Use physical models to make comparisons. People have an easier time making decisions when they have concrete props that they can touch and manipulate. If someone is simply talking at you, you may feel confused, pressured, and therefore less likely to agree to treatment. This is why good salesmen always have a demonstration, and why you need something similar for your dental patients.

Suppose a patient is trying to decide between implants and a bridge. Have detailed, touchable models of both available, so that they can see, feel, and understand the difference. The extra information will help them feel more sure of their decisions about treatments and will keep the presentation from sounding like gibberish to them.

 

 

Set up clear comparisons. People like to have options, and they make decisions by comparing all of possibilities. A good way to ‘sell’ a necessary but expensive treatment is to compare its short, mid-range, and long-term costs and benefits to the short, mid-range, and long-term costs of doing nothing.

Or, you can compare a modern treatment with fewer side effects and a lower failure rate to an older, less expensive, but more failure prone treatment.
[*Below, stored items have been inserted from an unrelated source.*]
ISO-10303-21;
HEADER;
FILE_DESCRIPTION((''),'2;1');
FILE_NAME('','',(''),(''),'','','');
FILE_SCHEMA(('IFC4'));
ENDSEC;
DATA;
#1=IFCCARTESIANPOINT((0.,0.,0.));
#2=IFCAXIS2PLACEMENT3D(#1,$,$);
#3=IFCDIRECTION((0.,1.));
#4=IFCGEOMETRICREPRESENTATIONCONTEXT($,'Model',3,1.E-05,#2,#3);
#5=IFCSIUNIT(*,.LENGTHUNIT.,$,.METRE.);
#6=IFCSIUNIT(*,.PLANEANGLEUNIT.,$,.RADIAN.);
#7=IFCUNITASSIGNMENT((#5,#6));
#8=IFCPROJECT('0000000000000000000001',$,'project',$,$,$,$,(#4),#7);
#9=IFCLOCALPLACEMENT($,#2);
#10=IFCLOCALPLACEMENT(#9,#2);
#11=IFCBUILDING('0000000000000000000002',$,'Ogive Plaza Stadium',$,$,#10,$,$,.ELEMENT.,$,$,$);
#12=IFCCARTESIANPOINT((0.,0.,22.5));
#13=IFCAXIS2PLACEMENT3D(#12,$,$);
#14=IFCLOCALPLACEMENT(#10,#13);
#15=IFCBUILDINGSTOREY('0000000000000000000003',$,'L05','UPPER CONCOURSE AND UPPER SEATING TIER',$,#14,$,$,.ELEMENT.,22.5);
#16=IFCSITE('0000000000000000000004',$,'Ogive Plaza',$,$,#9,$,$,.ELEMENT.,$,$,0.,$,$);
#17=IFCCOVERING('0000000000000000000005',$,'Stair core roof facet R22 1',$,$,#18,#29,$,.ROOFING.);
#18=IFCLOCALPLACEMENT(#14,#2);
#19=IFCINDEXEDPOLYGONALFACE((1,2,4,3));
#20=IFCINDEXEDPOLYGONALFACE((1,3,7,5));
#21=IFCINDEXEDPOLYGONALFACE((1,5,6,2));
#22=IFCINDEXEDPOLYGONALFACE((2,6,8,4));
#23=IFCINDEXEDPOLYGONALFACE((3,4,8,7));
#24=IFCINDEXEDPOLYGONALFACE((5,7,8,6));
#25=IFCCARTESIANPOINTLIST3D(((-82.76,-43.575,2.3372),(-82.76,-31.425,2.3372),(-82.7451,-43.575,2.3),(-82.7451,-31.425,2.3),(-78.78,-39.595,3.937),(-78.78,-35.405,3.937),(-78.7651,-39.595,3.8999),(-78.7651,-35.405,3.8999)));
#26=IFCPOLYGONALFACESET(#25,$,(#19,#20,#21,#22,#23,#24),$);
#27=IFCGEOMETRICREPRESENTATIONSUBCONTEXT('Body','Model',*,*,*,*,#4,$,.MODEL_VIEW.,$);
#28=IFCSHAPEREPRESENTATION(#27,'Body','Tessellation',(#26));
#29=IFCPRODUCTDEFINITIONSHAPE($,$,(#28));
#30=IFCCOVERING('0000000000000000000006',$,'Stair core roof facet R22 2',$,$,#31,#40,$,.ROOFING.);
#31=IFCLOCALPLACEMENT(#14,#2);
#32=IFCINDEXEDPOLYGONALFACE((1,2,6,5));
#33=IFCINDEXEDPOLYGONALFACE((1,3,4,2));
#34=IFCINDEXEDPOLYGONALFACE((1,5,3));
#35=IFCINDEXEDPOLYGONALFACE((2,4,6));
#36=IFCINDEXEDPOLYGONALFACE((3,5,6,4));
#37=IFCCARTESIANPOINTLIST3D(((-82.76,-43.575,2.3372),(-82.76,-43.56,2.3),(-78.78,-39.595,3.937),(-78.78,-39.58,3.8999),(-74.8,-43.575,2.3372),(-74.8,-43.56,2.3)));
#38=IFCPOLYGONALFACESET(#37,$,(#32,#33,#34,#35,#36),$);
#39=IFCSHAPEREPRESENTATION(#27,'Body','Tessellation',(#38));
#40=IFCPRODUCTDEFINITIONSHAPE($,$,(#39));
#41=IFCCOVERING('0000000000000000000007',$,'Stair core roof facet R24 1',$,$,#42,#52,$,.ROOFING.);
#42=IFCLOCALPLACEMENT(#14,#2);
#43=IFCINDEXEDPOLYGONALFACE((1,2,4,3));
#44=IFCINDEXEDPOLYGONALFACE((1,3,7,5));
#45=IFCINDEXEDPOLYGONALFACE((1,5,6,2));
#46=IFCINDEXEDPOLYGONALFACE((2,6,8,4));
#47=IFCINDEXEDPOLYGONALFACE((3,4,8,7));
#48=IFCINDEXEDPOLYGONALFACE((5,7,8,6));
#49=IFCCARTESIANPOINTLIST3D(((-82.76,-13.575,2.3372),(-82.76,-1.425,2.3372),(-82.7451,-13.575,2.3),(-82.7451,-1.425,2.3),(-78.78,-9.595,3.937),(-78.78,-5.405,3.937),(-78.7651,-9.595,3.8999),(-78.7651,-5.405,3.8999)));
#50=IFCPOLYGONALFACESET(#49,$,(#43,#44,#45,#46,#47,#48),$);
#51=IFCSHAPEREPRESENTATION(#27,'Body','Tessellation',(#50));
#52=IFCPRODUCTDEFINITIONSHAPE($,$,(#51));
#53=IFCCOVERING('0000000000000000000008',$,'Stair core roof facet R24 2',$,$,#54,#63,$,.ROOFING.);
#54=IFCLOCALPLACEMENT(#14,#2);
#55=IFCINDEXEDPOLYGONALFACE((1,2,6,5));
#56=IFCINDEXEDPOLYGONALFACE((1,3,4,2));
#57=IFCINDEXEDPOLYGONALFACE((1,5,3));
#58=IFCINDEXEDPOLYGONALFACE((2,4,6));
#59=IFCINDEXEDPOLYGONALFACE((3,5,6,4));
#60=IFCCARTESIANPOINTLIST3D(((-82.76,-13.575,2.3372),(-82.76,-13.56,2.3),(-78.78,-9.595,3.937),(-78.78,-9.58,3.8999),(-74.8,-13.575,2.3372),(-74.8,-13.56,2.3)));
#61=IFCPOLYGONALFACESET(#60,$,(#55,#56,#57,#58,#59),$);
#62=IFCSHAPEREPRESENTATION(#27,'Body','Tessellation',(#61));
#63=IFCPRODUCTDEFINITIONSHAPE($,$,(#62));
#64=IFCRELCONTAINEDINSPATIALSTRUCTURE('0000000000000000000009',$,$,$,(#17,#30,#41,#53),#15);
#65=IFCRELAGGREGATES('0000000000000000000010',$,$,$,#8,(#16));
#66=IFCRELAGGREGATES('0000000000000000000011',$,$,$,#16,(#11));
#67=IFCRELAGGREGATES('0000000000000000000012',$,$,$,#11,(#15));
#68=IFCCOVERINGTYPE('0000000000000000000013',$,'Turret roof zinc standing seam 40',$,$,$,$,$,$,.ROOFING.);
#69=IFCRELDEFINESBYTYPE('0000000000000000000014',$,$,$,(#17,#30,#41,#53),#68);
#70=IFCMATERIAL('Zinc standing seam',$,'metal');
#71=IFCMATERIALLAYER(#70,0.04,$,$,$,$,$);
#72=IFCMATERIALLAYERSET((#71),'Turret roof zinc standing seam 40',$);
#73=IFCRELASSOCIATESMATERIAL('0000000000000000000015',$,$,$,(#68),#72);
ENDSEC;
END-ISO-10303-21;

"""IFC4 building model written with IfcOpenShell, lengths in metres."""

from ifc_helpers import new_model, si_unit, direction, frame, origin, place, context, subcontext, project, spatial, polyline, outline, extrude, material, layer, layer_set, type_object, element, save


model = new_model("IFC4")

# Units and contexts
model_context = context("Model", 3, precision=1e-05, world=origin(), true_north=direction((0.0, 1.0)))
body_context = subcontext(model_context, "Body", "Model", "MODEL_VIEW")
ifc_project = project(units=[si_unit("LENGTHUNIT", "METRE"), si_unit("PLANEANGLEUNIT", "RADIAN")], contexts=[model_context])

# Site, building, storey
site_placement = place(None, origin())
site = spatial("IfcSite", under=ifc_project, at=site_placement, Name="Ogive Plaza", CompositionType="ELEMENT", RefElevation=0.0)
building_placement = place(site_placement, origin())
building = spatial("IfcBuilding", under=site, at=building_placement, Name="Ogive Plaza Stadium", CompositionType="ELEMENT")
storey_placement = place(building_placement, frame((0.0, 0.0, 22.5)))
storey = spatial("IfcBuildingStorey", under=building, at=storey_placement, Name="L05", Description="UPPER CONCOURSE AND UPPER SEATING TIER", CompositionType="ELEMENT", Elevation=22.5)

# Coverings
ifc_material_1 = material(Name="Zinc standing seam", Category="metal")
ifc_layer_1 = layer(ifc_material_1, 0.04)
ifc_layer_set_1 = layer_set([ifc_layer_1], Name="Turret roof zinc standing seam 40")
covering_type_1 = type_object("IfcCoveringType", Name="Turret roof zinc standing seam 40", PredefinedType="ROOFING", material=ifc_layer_set_1)
covering_1_placement = place(storey_placement, frame((-82.76, -31.425, 2.3372), z_axis=(-0.37297, 0.0, 0.927843), x_axis=(0.0, -1.0, 0.0)))
element("IfcCovering", 1, at=covering_1_placement, inside=storey, type_object=covering_type_1, Name="Stair core roof facet R22 1", PredefinedType="ROOFING", context=body_context, shape_type="SweptSolid", body=[
    extrude(outline(polyline([(0.0, 0.0), (12.1499, 0.0), (8.1699, 4.2895), (3.98, 4.2895), (0.0, 0.0)])), origin(), (0.0, 0.0, -1.0), 0.04),
])
covering_2_placement = place(storey_placement, frame((-82.76, -43.575, 2.3372), z_axis=(0.0, -0.37297, 0.927843), x_axis=(1.0, 0.0, 0.0)))
element("IfcCovering", 2, at=covering_2_placement, inside=storey, type_object=covering_type_1, Name="Stair core roof facet R22 2", PredefinedType="ROOFING", context=body_context, shape_type="SweptSolid", body=[
    extrude(outline(polyline([(0.0, 0.0), (7.96, 0.0), (3.98, 4.2895), (0.0, 0.0)])), origin(), (0.0, 0.0, -1.0), 0.04),
])
covering_3_placement = place(storey_placement, frame((-82.76, -1.425, 2.3372), z_axis=(-0.37297, 0.0, 0.927843), x_axis=(0.0, -1.0, 0.0)))
element("IfcCovering", 3, at=covering_3_placement, inside=storey, type_object=covering_type_1, Name="Stair core roof facet R24 1", PredefinedType="ROOFING", context=body_context, shape_type="SweptSolid", body=[
    extrude(outline(polyline([(0.0, 0.0), (12.1499, 0.0), (8.1699, 4.2895), (3.98, 4.2895), (0.0, 0.0)])), origin(), (0.0, 0.0, -1.0), 0.04),
])
covering_4_placement = place(storey_placement, frame((-82.76, -13.575, 2.3372), z_axis=(0.0, -0.37297, 0.927843), x_axis=(1.0, 0.0, 0.0)))
element("IfcCovering", 4, at=covering_4_placement, inside=storey, type_object=covering_type_1, Name="Stair core roof facet R24 2", PredefinedType="ROOFING", context=body_context, shape_type="SweptSolid", body=[
    extrude(outline(polyline([(0.0, 0.0), (7.96, 0.0), (3.98, 4.2895), (0.0, 0.0)])), origin(), (0.0, 0.0, -1.0), 0.04),
])

save(model, "model.ifc")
The key is to present options clearly, honestly, and without pressure. This lets your patient make the choice that’s best for them, and most of the time, they’ll end up agreeing with your assessment of the situation.

 

 

Be ready for a No. The best salespeople always have a Plan B or are prepared if their client says No.  We have to do the same for dentistry.  Our goal is to ensure patients leave our practices in better oral health than when they came in.  If your ideal treatment doesn’t work for them, what else could you do for them that would leave them in a better dental state than they are now?  If they can’t do the crown you are recommending, what could you do instead?  A build up, right?  You could remove the caries from the tooth, eliminate the risk of infection if left untreated and have another opportunity to build your relationship with the patient, reduce their uncertainty about the crown they need.  By having this option at the ready, you can tap into a moment of power that exists immediately after someone rejects your proposal.  If, in that moment immediately after the ‘no’, you ask for something else like your plan B, then you’re likely to get a ‘yes’.

Getting patients to say yes to necessary treatments can often be the hardest, and most thankless, part of our job as a dentist. However, in the long run, incorporating good ‘sales tactics’ into your treatment plan presentations can help your patients embrace necessary procedures and improve their outcomes.